AWS S3 lifecycle rule
Matillion ETL uses a Multipart upload when sending data to S3 which can potentially be interrupted if Matillion ETL crashes or is shut down during the upload. This means that partial data will remain on the S3 bucket that Matillion ETL cannot clean up as it normally would for uploads that complete normally.
Partial data is, however, still taking up space on the S3 bucket and is billable by AWS which means that removing the data can be important to the user. To this end, we recommend using a Lifecycle Rule.
A Lifecycle Rule is a simple way of instructing an S3 bucket to clean up files from failed multipart uploads after a designated amount of time.

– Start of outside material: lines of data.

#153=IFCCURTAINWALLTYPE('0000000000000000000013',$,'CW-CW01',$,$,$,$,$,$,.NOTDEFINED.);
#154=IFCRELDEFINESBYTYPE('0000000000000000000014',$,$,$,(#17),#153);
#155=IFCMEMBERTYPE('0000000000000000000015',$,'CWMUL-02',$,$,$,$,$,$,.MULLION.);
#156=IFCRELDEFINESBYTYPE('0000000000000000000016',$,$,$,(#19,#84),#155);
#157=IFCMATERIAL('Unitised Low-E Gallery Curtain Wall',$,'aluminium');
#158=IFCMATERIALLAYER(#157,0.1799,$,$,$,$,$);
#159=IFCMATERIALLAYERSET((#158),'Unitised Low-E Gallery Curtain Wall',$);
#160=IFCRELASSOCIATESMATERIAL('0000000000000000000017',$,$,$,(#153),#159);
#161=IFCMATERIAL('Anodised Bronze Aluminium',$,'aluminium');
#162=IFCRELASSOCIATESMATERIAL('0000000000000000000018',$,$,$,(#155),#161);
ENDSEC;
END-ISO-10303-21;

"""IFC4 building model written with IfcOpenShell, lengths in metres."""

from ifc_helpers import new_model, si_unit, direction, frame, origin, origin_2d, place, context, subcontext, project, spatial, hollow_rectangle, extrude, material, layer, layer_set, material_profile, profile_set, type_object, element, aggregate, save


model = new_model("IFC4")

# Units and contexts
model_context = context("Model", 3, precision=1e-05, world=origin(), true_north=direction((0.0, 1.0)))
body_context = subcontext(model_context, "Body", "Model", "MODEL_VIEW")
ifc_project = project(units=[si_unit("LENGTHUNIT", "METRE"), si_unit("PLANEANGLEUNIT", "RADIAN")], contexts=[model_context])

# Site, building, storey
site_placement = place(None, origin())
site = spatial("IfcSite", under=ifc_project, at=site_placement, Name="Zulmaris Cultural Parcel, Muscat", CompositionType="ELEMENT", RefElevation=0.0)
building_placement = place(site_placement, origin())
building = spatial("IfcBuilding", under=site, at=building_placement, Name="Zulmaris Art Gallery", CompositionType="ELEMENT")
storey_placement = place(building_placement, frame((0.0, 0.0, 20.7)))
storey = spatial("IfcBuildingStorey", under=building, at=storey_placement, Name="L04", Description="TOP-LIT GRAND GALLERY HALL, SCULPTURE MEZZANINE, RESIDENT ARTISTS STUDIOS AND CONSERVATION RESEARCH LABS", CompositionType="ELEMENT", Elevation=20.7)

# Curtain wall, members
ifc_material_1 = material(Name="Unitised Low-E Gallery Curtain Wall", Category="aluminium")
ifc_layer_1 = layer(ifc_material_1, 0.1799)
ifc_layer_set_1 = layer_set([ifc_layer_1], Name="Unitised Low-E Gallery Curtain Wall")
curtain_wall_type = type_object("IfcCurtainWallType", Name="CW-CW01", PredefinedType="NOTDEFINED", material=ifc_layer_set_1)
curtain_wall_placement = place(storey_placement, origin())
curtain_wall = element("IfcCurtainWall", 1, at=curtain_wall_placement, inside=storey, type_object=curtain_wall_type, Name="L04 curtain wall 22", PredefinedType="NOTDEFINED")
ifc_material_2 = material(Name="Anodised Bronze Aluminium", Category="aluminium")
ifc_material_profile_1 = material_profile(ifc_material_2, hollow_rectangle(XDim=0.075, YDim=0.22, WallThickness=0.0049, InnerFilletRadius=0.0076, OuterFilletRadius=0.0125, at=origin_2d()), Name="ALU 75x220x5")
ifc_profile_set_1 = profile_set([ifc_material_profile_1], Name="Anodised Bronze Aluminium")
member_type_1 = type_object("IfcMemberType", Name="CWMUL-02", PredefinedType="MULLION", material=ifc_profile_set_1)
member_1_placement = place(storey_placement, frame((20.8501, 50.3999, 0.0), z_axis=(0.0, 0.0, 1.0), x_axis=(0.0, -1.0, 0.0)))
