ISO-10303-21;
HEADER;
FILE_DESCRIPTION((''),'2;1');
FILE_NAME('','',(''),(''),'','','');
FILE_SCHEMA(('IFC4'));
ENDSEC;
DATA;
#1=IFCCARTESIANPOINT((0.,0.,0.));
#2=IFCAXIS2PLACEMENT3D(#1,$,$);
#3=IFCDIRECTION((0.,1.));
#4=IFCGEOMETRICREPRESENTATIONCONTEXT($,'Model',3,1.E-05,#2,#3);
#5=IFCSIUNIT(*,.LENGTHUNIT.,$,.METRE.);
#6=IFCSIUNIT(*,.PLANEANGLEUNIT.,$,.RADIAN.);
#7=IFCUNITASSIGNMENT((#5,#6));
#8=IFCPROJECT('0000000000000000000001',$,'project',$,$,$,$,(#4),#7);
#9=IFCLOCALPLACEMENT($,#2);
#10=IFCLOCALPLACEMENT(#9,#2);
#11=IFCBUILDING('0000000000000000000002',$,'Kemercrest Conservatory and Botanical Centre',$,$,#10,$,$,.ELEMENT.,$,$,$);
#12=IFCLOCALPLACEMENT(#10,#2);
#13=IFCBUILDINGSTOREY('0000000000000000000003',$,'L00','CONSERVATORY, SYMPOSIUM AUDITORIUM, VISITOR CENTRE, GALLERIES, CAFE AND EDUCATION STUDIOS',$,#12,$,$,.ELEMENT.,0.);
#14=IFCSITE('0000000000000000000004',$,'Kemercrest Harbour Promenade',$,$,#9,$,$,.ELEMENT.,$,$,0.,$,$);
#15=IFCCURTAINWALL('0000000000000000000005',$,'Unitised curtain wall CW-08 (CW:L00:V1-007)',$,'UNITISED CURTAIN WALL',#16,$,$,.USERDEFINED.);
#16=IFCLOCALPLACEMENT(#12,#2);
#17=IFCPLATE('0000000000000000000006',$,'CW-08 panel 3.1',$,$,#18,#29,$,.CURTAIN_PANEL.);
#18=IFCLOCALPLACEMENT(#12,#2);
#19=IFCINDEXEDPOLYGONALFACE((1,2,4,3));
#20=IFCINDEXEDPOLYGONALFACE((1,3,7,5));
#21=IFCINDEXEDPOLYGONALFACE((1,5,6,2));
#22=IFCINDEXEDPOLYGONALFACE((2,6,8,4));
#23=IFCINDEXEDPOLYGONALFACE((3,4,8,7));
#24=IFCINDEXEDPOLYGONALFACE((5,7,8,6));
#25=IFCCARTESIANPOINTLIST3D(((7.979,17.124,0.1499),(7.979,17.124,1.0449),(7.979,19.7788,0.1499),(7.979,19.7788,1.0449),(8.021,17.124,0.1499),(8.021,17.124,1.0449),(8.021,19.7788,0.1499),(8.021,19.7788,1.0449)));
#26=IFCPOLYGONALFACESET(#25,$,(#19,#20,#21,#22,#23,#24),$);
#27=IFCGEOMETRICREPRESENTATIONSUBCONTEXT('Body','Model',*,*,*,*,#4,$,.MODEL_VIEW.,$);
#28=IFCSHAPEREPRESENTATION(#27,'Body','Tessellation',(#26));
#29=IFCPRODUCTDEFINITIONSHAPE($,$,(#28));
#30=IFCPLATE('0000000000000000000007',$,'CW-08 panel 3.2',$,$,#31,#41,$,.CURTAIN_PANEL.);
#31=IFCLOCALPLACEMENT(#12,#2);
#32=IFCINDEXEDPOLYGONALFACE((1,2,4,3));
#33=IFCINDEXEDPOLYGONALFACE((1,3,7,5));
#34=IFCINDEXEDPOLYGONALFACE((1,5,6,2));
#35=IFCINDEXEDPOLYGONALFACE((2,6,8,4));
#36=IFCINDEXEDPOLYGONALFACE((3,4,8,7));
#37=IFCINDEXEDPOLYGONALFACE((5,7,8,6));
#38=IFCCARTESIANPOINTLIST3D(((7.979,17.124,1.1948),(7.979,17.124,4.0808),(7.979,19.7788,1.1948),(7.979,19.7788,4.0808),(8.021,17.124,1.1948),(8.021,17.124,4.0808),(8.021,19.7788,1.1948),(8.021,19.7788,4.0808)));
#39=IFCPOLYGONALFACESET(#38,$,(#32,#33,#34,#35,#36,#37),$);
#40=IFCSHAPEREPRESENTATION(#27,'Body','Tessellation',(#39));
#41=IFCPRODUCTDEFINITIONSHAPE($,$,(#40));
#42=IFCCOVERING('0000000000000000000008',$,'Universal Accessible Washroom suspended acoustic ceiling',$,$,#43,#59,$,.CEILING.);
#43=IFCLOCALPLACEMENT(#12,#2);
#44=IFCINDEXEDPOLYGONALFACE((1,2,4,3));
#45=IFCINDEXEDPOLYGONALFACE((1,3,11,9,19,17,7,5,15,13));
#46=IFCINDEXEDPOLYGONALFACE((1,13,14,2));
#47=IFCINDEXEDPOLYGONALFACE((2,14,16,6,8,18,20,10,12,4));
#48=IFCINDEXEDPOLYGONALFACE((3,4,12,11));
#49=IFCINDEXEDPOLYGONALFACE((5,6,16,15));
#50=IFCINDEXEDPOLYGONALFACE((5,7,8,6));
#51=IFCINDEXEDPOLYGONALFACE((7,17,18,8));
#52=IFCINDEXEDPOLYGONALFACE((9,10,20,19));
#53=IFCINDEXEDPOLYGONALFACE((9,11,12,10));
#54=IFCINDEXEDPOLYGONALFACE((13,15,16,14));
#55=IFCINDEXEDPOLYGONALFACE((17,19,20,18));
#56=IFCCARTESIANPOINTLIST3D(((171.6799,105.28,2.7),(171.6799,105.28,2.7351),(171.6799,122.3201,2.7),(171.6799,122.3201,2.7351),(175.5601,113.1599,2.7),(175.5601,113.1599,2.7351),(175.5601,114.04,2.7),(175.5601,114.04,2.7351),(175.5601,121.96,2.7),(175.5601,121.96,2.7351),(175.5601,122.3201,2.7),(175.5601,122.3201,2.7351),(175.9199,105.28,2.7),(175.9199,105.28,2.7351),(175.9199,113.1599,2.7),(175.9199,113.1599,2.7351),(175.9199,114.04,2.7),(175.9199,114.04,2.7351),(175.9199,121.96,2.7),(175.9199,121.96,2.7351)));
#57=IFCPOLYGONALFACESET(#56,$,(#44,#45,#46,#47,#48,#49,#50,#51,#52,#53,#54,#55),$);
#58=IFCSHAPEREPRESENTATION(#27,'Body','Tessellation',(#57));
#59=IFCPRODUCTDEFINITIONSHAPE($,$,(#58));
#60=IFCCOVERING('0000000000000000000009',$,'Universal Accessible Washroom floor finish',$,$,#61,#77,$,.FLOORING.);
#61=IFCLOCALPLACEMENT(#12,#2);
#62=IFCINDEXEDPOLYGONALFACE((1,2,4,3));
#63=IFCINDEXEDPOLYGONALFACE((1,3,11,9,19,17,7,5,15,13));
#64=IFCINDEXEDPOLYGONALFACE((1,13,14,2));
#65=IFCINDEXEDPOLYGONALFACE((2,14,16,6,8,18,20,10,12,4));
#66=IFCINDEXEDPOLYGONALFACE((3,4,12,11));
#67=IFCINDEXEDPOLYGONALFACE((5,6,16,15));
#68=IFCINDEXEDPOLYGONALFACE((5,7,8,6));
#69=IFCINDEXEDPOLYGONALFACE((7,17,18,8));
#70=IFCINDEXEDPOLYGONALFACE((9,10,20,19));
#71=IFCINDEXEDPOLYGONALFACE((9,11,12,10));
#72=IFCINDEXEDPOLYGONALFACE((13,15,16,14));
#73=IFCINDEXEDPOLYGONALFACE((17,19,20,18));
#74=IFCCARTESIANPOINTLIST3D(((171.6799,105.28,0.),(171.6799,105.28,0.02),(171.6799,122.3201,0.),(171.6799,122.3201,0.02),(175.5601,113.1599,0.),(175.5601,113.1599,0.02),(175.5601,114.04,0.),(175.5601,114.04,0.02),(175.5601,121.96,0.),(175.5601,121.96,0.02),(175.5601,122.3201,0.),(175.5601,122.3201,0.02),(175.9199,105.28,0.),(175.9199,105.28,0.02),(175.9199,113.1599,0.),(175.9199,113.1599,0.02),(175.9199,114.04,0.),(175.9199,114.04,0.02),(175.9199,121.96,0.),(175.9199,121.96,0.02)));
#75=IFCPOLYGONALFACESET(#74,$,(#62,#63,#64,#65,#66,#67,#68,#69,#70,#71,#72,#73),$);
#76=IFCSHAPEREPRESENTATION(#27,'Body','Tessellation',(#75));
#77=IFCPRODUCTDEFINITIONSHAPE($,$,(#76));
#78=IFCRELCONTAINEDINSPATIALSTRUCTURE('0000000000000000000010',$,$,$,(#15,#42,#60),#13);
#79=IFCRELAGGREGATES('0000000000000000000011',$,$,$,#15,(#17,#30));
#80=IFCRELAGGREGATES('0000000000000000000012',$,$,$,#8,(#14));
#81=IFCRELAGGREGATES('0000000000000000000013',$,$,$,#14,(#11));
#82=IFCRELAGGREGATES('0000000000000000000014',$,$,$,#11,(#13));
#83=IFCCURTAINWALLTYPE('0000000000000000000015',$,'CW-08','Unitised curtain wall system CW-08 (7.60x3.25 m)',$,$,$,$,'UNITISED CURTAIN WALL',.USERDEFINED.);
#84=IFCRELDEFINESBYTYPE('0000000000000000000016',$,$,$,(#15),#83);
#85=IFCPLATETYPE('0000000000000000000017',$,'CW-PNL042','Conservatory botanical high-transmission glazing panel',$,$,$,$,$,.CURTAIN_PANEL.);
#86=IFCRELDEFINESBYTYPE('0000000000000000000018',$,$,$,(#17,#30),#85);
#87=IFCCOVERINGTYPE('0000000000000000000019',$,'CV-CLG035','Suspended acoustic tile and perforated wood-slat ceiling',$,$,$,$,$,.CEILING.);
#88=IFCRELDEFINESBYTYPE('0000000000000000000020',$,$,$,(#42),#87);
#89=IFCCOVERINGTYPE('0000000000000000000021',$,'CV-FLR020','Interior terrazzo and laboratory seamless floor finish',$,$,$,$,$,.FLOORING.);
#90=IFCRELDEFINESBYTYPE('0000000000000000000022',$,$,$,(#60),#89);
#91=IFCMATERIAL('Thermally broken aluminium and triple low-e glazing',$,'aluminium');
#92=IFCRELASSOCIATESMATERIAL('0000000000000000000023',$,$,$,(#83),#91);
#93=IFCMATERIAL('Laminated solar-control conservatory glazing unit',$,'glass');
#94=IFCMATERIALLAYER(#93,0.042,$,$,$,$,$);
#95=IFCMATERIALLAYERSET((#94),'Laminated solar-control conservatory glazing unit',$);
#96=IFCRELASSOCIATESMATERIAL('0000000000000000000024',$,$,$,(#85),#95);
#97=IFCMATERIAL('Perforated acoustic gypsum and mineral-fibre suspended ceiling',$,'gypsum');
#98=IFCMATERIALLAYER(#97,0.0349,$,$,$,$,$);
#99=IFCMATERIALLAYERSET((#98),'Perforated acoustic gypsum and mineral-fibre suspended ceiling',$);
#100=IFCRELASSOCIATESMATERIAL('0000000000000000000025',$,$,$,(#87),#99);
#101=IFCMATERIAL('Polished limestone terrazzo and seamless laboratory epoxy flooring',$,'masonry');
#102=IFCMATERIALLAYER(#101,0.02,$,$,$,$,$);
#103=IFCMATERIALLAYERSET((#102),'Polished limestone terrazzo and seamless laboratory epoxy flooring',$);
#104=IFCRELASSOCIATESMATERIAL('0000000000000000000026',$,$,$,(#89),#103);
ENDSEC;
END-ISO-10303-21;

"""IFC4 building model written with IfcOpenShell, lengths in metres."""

from ifc_helpers import new_model, si_unit, direction, frame, origin, origin_2d, place, context, subcontext, project, spatial, polyline, rectangle, outline, extrude, material, layer, layer_set, type_object, element, aggregate, save


model = new_model("IFC4")

# Units and contexts
model_context = context("Model", 3, precision=1e-05, world=origin(), true_north=direction((0.0, 1.0)))
body_context = subcontext(model_context, "Body", "Model", "MODEL_VIEW")
ifc_project = project(units=[si_unit("LENGTHUNIT", "METRE"), si_unit("PLANEANGLEUNIT", "RADIAN")], contexts=[model_context])

# Site, building, storey
site_placement = place(None, origin())
site = spatial("IfcSite", under=ifc_project, at=site_placement, Name="Kemercrest Harbour Promenade", CompositionType="ELEMENT", RefElevation=0.0)
building_placement = place(site_placement, origin())
building = spatial("IfcBuilding", under=site, at=building_placement, Name="Kemercrest Conservatory and Botanical Centre", CompositionType="ELEMENT")
storey_placement = place(building_placement, origin())
storey = spatial("IfcBuildingStorey", under=building, at=storey_placement, Name="L00", Description="CONSERVATORY, SYMPOSIUM AUDITORIUM, VISITOR CENTRE, GALLERIES, CAFE AND EDUCATION STUDIOS", CompositionType="ELEMENT", Elevation=0.0)

# Curtain wall
ifc_material_1 = material(Name="Thermally broken aluminium and triple low-e glazing", Category="aluminium")
curtain_wall_type = type_object("IfcCurtainWallType", Name="CW-08", Description="Unitised curtain wall system CW-08 (7.60x3.25 m)", ElementType="UNITISED CURTAIN WALL", PredefinedType="USERDEFINED", material=ifc_material_1)
curtain_wall_placement = place(storey_placement, origin())
curtain_wall = element("IfcCurtainWall", 1, at=curtain_wall_placement, inside=storey, type_object=curtain_wall_type, Name="Unitised curtain wall CW-08 (CW:L00:V1-007)", ObjectType="UNITISED CURTAIN WALL", PredefinedType="USERDEFINED")

# Plates
ifc_material_2 = material(Name="Laminated solar-control conservatory glazing unit", Category="glass")
ifc_layer_1 = layer(ifc_material_2, 0.042)
ifc_layer_set_1 = layer_set([ifc_layer_1], Name="Laminated solar-control conservatory glazing unit")
plate_type = type_object("IfcPlateType", Name="CW-PNL042", Description="Conservatory botanical high-transmission glazing panel", PredefinedType="CURTAIN_PANEL", material=ifc_layer_set_1)
plate_1_placement = place(storey_placement, frame((8.0, 18.4514, 0.1499), z_axis=(0.0, 0.0, 1.0), x_axis=(0.0, -1.0, 0.0)))
plate_1 = element("IfcPlate", 2, at=plate_1_placement, type_object=plate_type, Name="CW-08 panel 3.1", PredefinedType="CURTAIN_PANEL", context=body_context, shape_type="SweptSolid", body=[
    extrude(rectangle(XDim=2.6548, YDim=0.042, at=origin_2d()), origin(), (0.0, 0.0, 1.0), 0.895),
])
plate_2_placement = place(storey_placement, frame((8.0, 18.4514, 1.1948), z_axis=(0.0, 0.0, 1.0), x_axis=(0.0, -1.0, 0.0)))
plate_2 = element("IfcPlate", 3, at=plate_2_placement, type_object=plate_type, Name="CW-08 panel 3.2", PredefinedType="CURTAIN_PANEL", context=body_context, shape_type="SweptSolid", body=[
    extrude(rectangle(XDim=2.6548, YDim=0.042, at=origin_2d()), origin(), (0.0, 0.0, 1.0), 2.886),
])
aggregate(curtain_wall, [plate_1, plate_2])

# Coverings
ifc_material_3 = material(Name="Perforated acoustic gypsum and mineral-fibre suspended ceiling", Category="gypsum")
ifc_layer_2 = layer(ifc_material_3, 0.0349)
ifc_layer_set_2 = layer_set([ifc_layer_2], Name="Perforated acoustic gypsum and mineral-fibre suspended ceiling")
covering_type_1 = type_object("IfcCoveringType", Name="CV-CLG035", Description="Suspended acoustic tile and perforated wood-slat ceiling", PredefinedType="CEILING", material=ifc_layer_set_2)
covering_1_placement = place(storey_placement, frame((0.0, 0.0, 2.7)))
element("IfcCovering", 4, at=covering_1_placement, inside=storey, type_object=covering_type_1, Name="Universal Accessible Washroom suspended acoustic ceiling", PredefinedType="CEILING", context=body_context, shape_type="SweptSolid", body=[
    extrude(outline(polyline([(171.6799, 105.28), (175.9199, 105.28), (175.9199, 113.1599), (175.5601, 113.1599), (175.5601, 114.04), (175.9199, 114.04), (175.9199, 121.96), (175.5601, 121.96), (175.5601, 122.3201), (171.6799, 122.3201), (171.6799, 105.28)])), origin(), (0.0, 0.0, 1.0), 0.0352),
])
ifc_material_4 = material(Name="Polished limestone terrazzo and seamless laboratory epoxy flooring", Category="masonry")
ifc_layer_3 = layer(ifc_material_4, 0.02)
ifc_layer_set_3 = layer_set([ifc_layer_3], Name="Polished limestone terrazzo and seamless laboratory epoxy flooring")
covering_type_2 = type_object("IfcCoveringType", Name="CV-FLR020", Description="Interior terrazzo and laboratory seamless floor finish", PredefinedType="FLOORING", material=ifc_layer_set_3)
covering_2_placement = place(storey_placement, origin())
element("IfcCovering", 5, at=covering_2_placement, inside=storey, type_object=covering_type_2, Name="Universal Accessible Washroom floor finish", PredefinedType="FLOORING", context=body_context, shape_type="SweptSolid", body=[
    extrude(outline(polyline([(171.6799, 105.28), (175.9199, 105.28), (175.9199, 113.1599), (175.5601, 113.1599), (175.5601, 114.04), (175.9199, 114.04), (175.9199, 121.96), (175.5601, 121.96), (175.5601, 122.3201), (171.6799, 122.3201), (171.6799, 105.28)])), origin(), (0.0, 0.0, 1.0), 0.02),
])

save(model, "model.ifc")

Adding a new Lifecycle Rule
- Log into your AWS account dashboard.
- Browse to Services → S3.
- Select the S3 Bucket to add a Lifecycle Rule to (usually one used by Matillion ETL for staging data).
- Go to the Management tab.
- Click Add lifecycle rule.
Configuring the Lifecycle Rule
- Give your lifecycle rule a name but it does not need a filter. Click Next.
- Click Next on Transitions
- Check 'Current version' and 'Clean up incomplete multipart uploads' only on Expiration
Your lifecycle rule is now in effect and will automatically clean up failed uploads from Matillion ETL.